Projects at any stability level, even _embryonic_ projects, can still be used,
as long as caution is taken to avoid a mismatch between the project's stability
level and the required stability and maintainability of your own project.

Dissonance is designed to be _small_. Its entire source code currently consists
of 358 lines of code.

## Building

Dissonance will ultimately be built by Fury, when it is published. In the
meantime, two possibilities are offered, however they are acknowledged to be
fragile, inadequately tested, and unsuitable for anything more than
experimentation. They are provided only for the necessity of providing _some_
answer to the question, "how can I try Dissonance?".

1. *Copy the sources into your own project*

Read the `fury` file in the repository root to understand Dissonance's build
structure, dependencies and source location; the file format should be short
and quite intuitive. Copy the sources into a source directory in your own
project, then repeat (recursively) for each of the dependencies.

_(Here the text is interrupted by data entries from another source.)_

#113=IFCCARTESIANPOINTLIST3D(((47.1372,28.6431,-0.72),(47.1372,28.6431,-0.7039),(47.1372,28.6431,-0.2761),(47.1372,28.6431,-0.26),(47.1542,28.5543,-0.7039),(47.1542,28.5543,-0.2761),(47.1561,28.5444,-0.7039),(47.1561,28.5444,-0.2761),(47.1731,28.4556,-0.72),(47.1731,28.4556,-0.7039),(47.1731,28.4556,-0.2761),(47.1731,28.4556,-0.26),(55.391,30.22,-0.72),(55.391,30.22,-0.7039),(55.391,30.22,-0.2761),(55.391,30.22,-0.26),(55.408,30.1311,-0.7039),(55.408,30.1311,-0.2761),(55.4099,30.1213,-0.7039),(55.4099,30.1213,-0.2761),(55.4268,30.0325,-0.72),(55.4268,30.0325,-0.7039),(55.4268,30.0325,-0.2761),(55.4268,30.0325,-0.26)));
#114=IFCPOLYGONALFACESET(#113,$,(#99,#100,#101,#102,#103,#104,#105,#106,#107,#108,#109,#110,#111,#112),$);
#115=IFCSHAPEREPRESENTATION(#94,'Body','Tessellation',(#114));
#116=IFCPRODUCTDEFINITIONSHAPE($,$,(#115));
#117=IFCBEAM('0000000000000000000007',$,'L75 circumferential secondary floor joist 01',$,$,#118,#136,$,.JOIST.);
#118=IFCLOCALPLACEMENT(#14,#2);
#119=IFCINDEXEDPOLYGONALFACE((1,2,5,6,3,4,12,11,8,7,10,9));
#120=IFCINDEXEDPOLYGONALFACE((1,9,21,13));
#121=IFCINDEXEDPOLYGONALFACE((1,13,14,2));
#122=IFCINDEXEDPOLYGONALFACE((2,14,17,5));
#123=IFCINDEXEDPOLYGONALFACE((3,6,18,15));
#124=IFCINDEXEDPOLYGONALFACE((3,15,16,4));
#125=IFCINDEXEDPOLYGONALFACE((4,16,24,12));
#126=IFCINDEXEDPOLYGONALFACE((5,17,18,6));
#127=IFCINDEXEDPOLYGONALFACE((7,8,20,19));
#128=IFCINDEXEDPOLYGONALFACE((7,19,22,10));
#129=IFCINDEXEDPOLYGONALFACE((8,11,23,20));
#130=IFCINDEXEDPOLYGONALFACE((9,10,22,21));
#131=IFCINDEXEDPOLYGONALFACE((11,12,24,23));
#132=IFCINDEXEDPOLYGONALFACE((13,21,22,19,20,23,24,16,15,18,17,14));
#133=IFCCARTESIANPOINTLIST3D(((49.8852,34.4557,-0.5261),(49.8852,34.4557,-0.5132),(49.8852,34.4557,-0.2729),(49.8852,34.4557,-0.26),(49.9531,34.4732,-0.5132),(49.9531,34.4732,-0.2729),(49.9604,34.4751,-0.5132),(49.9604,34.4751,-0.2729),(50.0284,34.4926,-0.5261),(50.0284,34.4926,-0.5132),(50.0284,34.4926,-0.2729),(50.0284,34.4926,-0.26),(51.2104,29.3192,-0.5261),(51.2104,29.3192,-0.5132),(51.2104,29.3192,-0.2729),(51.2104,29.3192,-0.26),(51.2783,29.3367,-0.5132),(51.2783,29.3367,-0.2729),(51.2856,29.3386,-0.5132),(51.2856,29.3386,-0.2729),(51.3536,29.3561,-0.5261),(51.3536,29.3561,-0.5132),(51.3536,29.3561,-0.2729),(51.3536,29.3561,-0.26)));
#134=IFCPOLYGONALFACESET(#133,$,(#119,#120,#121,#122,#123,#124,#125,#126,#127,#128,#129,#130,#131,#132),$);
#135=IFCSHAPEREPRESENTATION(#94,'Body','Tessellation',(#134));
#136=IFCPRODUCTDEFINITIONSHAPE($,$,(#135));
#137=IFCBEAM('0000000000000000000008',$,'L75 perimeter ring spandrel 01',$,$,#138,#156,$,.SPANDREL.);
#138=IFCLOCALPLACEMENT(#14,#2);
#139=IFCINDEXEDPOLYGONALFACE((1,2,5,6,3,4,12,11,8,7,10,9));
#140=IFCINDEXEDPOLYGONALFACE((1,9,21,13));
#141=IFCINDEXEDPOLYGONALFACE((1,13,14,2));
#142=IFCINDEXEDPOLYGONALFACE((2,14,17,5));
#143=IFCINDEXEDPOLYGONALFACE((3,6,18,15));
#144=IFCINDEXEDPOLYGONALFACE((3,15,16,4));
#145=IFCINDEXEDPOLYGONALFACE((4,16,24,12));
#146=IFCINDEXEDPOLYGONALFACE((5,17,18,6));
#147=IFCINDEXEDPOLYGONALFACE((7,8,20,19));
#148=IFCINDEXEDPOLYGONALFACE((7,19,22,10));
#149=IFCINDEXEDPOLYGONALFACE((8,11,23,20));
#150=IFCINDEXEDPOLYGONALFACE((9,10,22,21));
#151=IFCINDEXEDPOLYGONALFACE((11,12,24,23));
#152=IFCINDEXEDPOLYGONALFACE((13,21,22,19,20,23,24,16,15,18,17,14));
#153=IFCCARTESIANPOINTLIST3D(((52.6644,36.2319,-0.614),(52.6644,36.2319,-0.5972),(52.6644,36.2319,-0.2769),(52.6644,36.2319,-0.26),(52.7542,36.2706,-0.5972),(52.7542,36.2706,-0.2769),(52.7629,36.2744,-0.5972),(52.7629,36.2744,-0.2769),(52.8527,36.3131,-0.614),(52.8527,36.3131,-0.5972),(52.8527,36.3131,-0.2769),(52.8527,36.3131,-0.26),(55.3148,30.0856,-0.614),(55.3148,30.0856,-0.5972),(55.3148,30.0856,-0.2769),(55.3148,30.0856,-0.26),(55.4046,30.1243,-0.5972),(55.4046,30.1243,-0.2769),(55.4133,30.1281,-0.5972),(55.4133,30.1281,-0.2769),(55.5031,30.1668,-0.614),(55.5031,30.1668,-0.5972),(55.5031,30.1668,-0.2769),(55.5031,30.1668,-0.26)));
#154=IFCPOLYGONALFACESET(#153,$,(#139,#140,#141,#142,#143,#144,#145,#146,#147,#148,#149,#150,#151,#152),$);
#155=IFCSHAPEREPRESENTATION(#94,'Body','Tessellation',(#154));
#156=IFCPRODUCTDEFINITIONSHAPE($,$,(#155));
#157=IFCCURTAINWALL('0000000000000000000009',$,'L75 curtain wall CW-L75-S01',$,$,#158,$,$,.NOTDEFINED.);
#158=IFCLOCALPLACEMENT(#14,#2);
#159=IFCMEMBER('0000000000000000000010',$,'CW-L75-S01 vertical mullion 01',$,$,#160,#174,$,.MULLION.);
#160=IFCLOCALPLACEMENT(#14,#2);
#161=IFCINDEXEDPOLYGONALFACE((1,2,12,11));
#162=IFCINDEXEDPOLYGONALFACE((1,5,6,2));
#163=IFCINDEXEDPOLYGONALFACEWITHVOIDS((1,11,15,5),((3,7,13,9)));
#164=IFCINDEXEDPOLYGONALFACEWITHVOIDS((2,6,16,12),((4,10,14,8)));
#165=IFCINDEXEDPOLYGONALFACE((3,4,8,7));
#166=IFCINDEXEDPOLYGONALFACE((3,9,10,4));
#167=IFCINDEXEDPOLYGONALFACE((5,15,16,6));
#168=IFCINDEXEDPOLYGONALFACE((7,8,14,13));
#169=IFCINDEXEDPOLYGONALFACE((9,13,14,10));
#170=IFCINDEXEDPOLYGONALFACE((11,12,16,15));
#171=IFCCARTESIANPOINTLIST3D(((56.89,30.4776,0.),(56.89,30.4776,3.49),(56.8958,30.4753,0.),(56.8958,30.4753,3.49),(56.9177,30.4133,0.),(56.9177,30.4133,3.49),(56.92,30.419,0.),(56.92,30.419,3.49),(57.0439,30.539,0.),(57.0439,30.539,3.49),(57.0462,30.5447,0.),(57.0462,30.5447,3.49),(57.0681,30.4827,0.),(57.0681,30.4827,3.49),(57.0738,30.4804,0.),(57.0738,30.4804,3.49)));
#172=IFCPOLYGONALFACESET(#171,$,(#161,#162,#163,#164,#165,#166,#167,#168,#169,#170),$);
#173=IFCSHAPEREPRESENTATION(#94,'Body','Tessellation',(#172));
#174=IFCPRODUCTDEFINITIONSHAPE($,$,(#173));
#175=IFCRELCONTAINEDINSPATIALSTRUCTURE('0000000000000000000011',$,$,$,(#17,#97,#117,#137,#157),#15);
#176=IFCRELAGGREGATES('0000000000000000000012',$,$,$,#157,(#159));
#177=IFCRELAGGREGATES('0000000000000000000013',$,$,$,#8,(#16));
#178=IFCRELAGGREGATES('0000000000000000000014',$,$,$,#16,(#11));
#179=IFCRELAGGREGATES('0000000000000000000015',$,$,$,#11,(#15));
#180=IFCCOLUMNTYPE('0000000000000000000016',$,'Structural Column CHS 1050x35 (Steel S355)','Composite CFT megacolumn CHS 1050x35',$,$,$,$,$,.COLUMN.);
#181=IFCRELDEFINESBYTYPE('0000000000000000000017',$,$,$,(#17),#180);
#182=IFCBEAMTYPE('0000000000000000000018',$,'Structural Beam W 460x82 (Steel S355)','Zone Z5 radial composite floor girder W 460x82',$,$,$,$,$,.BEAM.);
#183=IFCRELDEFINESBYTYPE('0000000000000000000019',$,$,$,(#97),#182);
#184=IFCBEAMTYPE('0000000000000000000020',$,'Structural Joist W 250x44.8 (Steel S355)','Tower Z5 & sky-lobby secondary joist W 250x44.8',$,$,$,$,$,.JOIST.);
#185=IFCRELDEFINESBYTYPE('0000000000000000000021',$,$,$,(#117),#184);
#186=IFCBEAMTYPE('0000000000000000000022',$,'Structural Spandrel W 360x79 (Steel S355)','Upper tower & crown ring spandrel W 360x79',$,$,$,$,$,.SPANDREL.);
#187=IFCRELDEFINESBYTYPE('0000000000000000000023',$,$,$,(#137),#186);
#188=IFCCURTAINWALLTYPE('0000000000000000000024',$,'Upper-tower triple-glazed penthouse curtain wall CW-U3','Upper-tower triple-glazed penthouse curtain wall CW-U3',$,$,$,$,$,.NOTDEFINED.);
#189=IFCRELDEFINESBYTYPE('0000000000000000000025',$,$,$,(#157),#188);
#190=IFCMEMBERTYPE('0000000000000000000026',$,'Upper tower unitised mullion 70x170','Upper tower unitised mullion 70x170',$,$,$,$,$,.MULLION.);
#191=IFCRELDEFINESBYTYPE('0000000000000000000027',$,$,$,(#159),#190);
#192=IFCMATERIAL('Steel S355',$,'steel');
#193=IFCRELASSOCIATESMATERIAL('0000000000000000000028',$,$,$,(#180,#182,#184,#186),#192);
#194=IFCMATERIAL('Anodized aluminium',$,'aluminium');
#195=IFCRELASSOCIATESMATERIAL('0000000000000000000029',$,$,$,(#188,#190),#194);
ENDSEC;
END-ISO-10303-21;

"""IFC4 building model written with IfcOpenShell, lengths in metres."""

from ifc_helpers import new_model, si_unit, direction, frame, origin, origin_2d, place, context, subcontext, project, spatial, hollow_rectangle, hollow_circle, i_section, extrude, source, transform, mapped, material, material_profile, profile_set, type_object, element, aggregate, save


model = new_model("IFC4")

The sources are compiled against the latest nightly release of Scala 3.
There should be no problem to compile the project together with all of its
dependencies in a single compilation.

2. *Build with [Wrath](https://github.com/propensive/wrath/)*

Wrath is a bootstrapping script for building Dissonance and other projects in
the absence of a fully-featured build tool. It is designed to read the `fury`
file in the project directory, and produce a collection of JAR files which can
be added to a classpath, by compiling the project and all of its dependencies,
including the Scala compiler itself.

Download the latest version of
[`wrath`](https://github.com/propensive/wrath/releases/latest), make it
executable, and add it to your path, for example by copying it to
`/usr/local/bin/`.

Clone this repository inside an empty directory, so that the build can
safely make clones of repositories it depends on as _peers_ of `dissonance`.
Run `wrath -F` in the repository root. This will download and compile the
latest version of Scala, as well as all of Dissonance's dependencies.

If the build was successful, the compiled JAR files can be found in the
`.wrath/dist` directory.

## Contributing

Contributors to Dissonance are welcome and encouraged. New contributors may like
to look for issues marked
[beginner](https://github.com/propensive/dissonance/labels/beginner).

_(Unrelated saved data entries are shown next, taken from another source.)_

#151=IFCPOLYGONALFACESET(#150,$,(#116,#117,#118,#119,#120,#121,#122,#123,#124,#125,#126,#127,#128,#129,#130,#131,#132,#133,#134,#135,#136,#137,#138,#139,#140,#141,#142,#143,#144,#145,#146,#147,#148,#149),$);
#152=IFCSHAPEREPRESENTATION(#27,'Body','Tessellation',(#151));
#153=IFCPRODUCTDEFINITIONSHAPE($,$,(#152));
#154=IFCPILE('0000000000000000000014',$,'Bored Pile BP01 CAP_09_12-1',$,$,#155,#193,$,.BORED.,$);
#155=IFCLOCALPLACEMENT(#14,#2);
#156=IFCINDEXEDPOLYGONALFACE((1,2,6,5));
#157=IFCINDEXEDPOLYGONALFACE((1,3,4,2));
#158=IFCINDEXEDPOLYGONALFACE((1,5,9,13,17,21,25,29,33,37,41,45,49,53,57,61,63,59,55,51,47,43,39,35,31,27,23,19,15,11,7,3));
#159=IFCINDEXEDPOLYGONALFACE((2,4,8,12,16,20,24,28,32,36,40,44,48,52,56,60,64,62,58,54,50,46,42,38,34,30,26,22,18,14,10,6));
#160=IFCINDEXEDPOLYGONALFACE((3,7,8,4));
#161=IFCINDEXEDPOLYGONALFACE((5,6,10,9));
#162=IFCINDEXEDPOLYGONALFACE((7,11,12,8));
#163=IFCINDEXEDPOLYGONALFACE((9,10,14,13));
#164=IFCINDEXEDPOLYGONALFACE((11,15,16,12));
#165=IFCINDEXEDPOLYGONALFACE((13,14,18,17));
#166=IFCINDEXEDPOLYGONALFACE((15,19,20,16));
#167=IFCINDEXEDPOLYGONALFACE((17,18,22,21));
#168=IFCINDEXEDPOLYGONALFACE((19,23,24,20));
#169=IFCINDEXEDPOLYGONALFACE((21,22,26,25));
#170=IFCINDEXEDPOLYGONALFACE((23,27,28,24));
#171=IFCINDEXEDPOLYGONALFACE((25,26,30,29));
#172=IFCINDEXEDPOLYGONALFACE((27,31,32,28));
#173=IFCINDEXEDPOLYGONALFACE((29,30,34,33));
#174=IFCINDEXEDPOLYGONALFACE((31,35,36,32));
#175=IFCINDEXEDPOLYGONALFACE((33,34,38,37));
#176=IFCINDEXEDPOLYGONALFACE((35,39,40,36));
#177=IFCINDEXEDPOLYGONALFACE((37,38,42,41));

We suggest that all contributors read the [Contributing
Guide](/contributing.md) to make the process of contributing to Dissonance
easier.

Please __do not__ contact project maintainers privately with questions unless
there is a good reason to keep them private. While it can be tempting to
repsond to such questions, private answers cannot be shared with a wider
audience, and it can result in duplication of effort.

## Author

Dissonance was designed and developed by Jon Pretty, and commercial support and
training on all aspects of Scala 3 is available from [Propensive
OÜ](https://propensive.com/).

## Name

_Dissonance_'s purpose is to detect differences—or dissonance, the places where they are not in agreement—between different objects.

In general, Soundness project names are always chosen with some rationale,
however it is usually frivolous. Each name is chosen for more for its
_uniqueness_ and _intrigue_ than its concision or catchiness, and there is no
bias towards names with positive or "nice" meanings—since many of the libraries
perform some quite unpleasant tasks.

Names should be English words, though many are obscure or archaic, and it
should be noted how willingly English adopts foreign words. Names are generally
of Greek or Latin origin, and have often arrived in English via a romance
language.

## Logo

The logo shows three sets of concentric circles, offset from each other, and creating an interference pattern, alluding to dissonance between them.

## License

Dissonance is copyright © 2025 Jon Pretty & Propensive OÜ, and
is made available under the [Apache 2.0 License](/license.md).